Pólya Sequences with Dominant Colors

Abstract:

We introduce a class of  “Pólya Sequences with Dominant Colors”, which can be described as randomly reinforced urn processes with color-specific random weights and unbounded number of possible colors. Let ${D}$ be the set of colors for which the expected random reinforcement attains its maximum value; in this sense, we say that the colors in ${D}$ are dominant.
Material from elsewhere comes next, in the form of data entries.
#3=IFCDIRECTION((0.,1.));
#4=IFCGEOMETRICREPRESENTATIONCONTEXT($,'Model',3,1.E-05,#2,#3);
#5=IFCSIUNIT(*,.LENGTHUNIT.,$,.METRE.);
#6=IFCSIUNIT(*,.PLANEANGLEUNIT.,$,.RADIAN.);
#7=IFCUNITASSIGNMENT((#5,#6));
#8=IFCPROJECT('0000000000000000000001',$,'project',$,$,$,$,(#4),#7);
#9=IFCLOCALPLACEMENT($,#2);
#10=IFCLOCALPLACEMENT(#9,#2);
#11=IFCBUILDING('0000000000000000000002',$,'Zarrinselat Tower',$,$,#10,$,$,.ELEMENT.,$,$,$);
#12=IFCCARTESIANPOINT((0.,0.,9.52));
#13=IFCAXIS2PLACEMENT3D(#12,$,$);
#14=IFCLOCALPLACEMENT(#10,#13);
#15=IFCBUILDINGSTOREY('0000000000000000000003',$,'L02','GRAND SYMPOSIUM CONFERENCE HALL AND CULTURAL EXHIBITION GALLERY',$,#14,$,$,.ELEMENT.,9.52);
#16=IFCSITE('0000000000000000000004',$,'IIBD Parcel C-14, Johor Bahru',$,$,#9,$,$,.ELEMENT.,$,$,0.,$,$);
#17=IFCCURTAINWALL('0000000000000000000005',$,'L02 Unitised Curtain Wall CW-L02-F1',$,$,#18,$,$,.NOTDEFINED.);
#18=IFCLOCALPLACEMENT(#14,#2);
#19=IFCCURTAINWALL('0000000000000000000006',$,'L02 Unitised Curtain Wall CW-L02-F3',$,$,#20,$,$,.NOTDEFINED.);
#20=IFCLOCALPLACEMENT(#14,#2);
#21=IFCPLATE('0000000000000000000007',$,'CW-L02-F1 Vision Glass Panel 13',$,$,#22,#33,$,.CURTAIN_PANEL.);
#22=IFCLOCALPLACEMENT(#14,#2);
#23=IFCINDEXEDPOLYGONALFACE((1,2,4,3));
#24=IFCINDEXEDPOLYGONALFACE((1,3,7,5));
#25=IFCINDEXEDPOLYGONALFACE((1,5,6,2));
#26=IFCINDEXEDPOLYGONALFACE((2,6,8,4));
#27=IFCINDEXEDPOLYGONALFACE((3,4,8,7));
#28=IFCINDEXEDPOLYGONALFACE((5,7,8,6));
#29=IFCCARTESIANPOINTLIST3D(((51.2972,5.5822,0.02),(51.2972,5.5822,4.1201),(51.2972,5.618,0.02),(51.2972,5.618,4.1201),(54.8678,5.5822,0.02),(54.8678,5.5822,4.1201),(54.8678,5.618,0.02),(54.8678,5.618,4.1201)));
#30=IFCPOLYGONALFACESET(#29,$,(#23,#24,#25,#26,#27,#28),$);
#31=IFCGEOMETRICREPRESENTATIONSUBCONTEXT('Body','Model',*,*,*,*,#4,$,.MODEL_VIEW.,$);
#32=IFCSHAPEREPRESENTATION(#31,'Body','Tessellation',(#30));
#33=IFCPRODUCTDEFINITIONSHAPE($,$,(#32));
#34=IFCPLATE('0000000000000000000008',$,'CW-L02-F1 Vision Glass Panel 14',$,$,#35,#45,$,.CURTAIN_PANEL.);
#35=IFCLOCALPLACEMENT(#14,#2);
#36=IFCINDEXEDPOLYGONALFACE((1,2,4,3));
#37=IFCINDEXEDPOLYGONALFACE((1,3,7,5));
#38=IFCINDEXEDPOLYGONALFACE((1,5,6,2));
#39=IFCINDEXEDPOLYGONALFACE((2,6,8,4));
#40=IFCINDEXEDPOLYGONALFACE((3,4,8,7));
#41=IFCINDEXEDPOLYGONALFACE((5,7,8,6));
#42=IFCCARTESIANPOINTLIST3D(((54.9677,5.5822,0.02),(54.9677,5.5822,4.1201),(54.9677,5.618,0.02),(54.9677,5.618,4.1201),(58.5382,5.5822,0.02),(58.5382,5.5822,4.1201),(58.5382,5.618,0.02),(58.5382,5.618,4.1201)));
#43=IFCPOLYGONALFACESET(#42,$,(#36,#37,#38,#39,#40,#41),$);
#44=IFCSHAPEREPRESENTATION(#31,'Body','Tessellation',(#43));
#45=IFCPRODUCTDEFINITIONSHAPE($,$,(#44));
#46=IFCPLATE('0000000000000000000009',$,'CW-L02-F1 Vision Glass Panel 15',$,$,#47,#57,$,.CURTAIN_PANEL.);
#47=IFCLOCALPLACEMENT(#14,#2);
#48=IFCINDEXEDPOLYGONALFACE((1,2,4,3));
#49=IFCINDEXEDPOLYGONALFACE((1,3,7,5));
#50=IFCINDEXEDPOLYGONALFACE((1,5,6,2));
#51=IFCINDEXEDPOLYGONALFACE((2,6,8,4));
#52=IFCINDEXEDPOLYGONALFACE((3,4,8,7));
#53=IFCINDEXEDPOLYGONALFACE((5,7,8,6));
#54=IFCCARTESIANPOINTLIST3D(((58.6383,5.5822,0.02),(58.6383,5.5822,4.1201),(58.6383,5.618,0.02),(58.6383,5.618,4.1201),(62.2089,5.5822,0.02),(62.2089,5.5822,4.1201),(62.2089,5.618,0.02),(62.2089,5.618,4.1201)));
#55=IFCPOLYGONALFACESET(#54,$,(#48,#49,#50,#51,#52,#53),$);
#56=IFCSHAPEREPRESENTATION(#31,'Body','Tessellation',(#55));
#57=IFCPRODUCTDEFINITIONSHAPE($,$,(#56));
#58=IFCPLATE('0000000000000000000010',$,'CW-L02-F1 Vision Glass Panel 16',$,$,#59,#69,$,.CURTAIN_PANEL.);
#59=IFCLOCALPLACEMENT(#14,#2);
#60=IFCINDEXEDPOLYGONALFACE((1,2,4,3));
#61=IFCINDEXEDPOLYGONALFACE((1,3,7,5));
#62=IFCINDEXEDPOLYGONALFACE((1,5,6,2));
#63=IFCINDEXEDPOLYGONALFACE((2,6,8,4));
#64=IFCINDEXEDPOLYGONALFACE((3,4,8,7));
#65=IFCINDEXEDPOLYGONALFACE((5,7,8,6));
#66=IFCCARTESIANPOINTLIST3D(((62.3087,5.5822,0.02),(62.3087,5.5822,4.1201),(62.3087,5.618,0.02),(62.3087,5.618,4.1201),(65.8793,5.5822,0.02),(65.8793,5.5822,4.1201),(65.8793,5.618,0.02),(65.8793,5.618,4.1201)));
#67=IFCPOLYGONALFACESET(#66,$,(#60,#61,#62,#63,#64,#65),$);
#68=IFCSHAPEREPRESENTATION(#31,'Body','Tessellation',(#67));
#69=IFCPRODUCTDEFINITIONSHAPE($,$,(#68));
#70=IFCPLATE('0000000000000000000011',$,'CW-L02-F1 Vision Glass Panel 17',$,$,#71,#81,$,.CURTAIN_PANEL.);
Under fairly mild conditions, we show that the predictive probability of observing a dominant color, $P_n({D})$, converges a.s. to one. Moreover, there exists a random probability measure $\tilde{P}$ with $\tilde{P}({D})=1$ such that the predictive and the empirical distributions converge weakly a.s. to $\tilde{P}$. The latter implies, in particular, that the urn process is asymptotically exchangeable with limit directing random measure $\tilde{P}$. In the general case, for any $\delta$-neighborhood ${D}_\delta$ of ${D}$, the predictive probabilities $P_n({D}_\delta)$ and the empirical frequencies $\hat{P}_n({D}_\delta)$ converge a.s. to one. As a result, the distance between the observed color and ${D}$ converges in probability to zero. We refine the above results with rates of convergence and central limit theorems. We further hint examples of the potential use of our model in randomized clinical trials and species sampling.